Выслушав эти слова, Приходько весело рассмеялся:
– В самую точку сказал. Что я тебе звоню, Корсунь ведь сейчас у тебя?
– Корсунь? Он подозревается в краже оружия из полицейской академии. Проводим совместные следственно-оперативные мероприятия.
– И как он?
– Пока все отрицает.
– Тут еще вот что, он проходит по одному нашему делу, связанному с ограблением Феоктистова…
– Читал о нем в газетах, весьма нашумевшее дело.
– Против Корсуня есть серьезные улики. Хочу отправить своего человека, чтобы он его допросил… Одобряешь?

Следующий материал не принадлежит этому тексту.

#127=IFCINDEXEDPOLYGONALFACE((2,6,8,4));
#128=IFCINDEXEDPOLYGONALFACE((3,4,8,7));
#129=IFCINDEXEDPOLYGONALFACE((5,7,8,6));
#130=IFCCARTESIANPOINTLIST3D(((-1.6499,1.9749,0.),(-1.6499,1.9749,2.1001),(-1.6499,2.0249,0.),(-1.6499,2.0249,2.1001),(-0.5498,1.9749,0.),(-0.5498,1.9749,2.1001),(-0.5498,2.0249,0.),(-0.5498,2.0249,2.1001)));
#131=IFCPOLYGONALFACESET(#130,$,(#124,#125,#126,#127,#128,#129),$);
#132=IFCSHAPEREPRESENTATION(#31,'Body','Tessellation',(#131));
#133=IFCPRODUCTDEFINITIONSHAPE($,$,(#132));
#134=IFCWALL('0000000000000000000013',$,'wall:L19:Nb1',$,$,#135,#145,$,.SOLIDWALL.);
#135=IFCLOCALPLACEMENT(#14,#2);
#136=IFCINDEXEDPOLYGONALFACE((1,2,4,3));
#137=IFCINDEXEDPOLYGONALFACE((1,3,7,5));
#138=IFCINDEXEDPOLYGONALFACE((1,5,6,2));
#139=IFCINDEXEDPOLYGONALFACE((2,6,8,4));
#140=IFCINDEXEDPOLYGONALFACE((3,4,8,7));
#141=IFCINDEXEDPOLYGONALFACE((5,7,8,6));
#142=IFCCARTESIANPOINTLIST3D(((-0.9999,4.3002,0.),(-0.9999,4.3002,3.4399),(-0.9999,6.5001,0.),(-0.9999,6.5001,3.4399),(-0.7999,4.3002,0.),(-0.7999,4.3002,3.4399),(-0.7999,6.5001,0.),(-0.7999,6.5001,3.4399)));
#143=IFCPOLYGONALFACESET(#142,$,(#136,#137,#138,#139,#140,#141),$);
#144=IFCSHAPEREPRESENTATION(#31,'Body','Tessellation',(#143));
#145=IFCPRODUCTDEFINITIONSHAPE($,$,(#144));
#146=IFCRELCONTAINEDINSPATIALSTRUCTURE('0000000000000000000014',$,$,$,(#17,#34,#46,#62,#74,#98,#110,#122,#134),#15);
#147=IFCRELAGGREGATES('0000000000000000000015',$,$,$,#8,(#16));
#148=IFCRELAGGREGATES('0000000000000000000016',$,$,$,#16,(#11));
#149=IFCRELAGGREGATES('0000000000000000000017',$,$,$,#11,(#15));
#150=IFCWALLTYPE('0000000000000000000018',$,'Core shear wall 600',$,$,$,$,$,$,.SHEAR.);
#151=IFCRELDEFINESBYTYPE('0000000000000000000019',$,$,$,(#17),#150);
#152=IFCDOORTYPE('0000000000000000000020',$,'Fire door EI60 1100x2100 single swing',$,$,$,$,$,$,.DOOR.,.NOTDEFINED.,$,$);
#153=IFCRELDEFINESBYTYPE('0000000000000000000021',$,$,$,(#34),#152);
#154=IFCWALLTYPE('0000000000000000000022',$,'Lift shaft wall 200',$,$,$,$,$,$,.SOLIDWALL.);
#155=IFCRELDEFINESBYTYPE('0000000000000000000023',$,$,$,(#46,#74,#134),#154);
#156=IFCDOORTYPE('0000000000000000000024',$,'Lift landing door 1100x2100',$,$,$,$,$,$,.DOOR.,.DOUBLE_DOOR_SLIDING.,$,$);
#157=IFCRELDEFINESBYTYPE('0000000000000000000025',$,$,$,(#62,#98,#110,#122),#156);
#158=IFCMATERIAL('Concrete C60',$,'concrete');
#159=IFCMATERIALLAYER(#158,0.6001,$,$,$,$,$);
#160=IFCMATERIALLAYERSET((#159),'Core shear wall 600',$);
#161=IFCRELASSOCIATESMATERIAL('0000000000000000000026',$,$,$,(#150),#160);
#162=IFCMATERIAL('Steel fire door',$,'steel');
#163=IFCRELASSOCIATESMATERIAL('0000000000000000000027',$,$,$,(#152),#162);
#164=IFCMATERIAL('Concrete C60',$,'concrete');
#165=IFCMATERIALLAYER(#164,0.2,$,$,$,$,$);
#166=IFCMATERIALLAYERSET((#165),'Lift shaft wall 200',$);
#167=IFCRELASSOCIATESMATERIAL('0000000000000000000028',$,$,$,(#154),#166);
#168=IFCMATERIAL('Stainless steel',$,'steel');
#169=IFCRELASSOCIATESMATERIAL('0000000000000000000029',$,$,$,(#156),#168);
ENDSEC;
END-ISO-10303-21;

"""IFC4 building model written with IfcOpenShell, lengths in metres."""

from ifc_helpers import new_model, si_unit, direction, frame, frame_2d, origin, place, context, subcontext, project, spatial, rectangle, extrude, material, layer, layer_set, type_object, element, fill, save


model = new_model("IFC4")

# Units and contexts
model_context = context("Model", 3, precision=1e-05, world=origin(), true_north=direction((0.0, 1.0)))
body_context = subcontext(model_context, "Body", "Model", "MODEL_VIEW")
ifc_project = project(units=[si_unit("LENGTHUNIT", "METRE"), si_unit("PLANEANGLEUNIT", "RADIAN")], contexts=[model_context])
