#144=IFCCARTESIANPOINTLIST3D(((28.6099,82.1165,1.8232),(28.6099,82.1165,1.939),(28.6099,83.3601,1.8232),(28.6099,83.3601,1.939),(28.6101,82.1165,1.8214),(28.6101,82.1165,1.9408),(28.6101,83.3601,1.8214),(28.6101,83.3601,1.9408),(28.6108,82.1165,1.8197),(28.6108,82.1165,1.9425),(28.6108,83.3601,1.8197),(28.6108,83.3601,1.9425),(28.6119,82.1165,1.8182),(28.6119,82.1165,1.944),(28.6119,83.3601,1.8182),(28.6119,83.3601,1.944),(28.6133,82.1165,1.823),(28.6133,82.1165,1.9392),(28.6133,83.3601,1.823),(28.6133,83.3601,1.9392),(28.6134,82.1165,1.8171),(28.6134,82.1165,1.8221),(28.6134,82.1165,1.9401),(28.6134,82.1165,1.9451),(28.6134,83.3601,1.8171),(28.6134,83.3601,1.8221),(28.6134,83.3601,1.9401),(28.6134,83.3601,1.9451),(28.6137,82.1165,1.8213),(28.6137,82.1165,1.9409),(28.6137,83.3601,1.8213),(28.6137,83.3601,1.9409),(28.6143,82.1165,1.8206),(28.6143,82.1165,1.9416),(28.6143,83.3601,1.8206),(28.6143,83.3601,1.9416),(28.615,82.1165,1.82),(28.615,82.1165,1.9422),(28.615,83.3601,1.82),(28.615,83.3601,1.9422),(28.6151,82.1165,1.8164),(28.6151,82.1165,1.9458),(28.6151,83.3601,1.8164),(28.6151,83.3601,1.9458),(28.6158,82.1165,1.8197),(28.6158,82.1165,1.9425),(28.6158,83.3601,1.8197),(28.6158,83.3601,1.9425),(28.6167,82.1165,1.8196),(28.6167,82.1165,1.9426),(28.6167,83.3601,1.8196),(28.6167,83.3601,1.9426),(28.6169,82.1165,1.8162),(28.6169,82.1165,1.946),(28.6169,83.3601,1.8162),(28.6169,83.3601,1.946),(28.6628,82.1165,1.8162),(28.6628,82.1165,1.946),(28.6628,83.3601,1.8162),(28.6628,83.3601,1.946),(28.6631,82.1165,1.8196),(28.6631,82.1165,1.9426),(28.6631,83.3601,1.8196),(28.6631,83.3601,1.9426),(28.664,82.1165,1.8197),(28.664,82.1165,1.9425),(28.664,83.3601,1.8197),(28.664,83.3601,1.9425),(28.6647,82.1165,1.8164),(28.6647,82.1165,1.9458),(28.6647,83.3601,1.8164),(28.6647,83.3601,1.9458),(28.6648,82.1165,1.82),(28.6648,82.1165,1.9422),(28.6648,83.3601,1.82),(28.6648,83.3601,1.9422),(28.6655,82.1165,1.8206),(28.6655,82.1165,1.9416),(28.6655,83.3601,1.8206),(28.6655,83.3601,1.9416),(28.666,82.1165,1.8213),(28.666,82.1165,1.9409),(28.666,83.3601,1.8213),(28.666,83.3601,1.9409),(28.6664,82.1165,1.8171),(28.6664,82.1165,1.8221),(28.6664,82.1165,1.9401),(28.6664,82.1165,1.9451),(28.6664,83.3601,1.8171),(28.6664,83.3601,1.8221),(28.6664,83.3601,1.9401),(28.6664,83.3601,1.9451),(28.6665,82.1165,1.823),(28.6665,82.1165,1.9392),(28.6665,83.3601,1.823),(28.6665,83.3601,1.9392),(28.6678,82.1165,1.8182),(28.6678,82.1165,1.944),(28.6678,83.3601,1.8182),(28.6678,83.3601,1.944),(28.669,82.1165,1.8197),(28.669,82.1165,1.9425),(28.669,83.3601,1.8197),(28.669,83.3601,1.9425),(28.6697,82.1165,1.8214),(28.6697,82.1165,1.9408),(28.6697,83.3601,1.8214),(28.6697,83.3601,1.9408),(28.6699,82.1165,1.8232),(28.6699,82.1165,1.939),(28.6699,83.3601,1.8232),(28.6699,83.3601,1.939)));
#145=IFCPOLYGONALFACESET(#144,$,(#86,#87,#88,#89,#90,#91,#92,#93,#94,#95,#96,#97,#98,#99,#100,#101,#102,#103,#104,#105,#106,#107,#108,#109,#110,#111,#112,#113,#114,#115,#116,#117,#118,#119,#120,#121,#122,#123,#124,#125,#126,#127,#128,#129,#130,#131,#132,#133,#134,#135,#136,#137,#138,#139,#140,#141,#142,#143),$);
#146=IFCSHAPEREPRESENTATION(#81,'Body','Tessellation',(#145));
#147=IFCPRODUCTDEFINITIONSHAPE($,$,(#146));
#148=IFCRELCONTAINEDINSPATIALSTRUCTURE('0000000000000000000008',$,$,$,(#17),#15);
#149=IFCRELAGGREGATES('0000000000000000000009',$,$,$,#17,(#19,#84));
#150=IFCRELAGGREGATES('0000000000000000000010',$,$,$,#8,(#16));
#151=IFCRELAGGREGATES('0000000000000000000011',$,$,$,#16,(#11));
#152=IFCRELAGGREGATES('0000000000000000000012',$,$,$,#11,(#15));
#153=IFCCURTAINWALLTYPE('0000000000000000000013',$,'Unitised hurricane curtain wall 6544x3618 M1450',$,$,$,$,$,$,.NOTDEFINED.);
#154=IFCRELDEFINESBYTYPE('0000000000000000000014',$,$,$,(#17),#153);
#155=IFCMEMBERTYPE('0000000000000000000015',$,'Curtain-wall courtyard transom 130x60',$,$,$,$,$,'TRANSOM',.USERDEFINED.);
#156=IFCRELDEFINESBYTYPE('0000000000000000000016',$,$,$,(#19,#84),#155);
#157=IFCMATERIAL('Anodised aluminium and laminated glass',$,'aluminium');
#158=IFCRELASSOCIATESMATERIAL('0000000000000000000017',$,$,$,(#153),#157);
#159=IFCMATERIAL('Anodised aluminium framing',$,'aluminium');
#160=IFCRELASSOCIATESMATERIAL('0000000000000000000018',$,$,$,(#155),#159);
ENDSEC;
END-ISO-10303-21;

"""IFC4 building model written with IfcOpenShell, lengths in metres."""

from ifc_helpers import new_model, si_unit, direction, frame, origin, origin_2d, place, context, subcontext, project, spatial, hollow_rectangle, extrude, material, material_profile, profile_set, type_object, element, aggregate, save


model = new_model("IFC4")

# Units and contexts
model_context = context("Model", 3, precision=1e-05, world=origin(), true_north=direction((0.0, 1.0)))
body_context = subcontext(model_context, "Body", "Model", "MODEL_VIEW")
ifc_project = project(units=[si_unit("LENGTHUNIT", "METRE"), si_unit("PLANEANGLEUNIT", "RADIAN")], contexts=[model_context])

– Не так все просто, сейчас подле него трется толпа адвокатов, настаивают, чтобы отпустили под залог. И у них есть на это серьезные основания. Против Корсуня ничего толком нет: сруб, в котором его задержали, принадлежит не ему, на оружии нет его отпечатков пальцев, семьдесят два часа до предъявления обвинения истекают уже завтра утром. Так что, если ничего не найдется, придется отпускать его под залог.
– Все так серьезно?..
– Более чем. Если твой человек хочет ему что-то предъявить, он должен поторопиться, в девять часов утра истекает срок его задержания. Оставь мы его в изоляторе хотя бы на полчаса, придется объясняться с прокуратурой.
– Да, я все понял.
Положив трубку, полковник Приходько хмуро посмотрел на майора. От дурного предчувствия у Хабакова похолодела селезенка.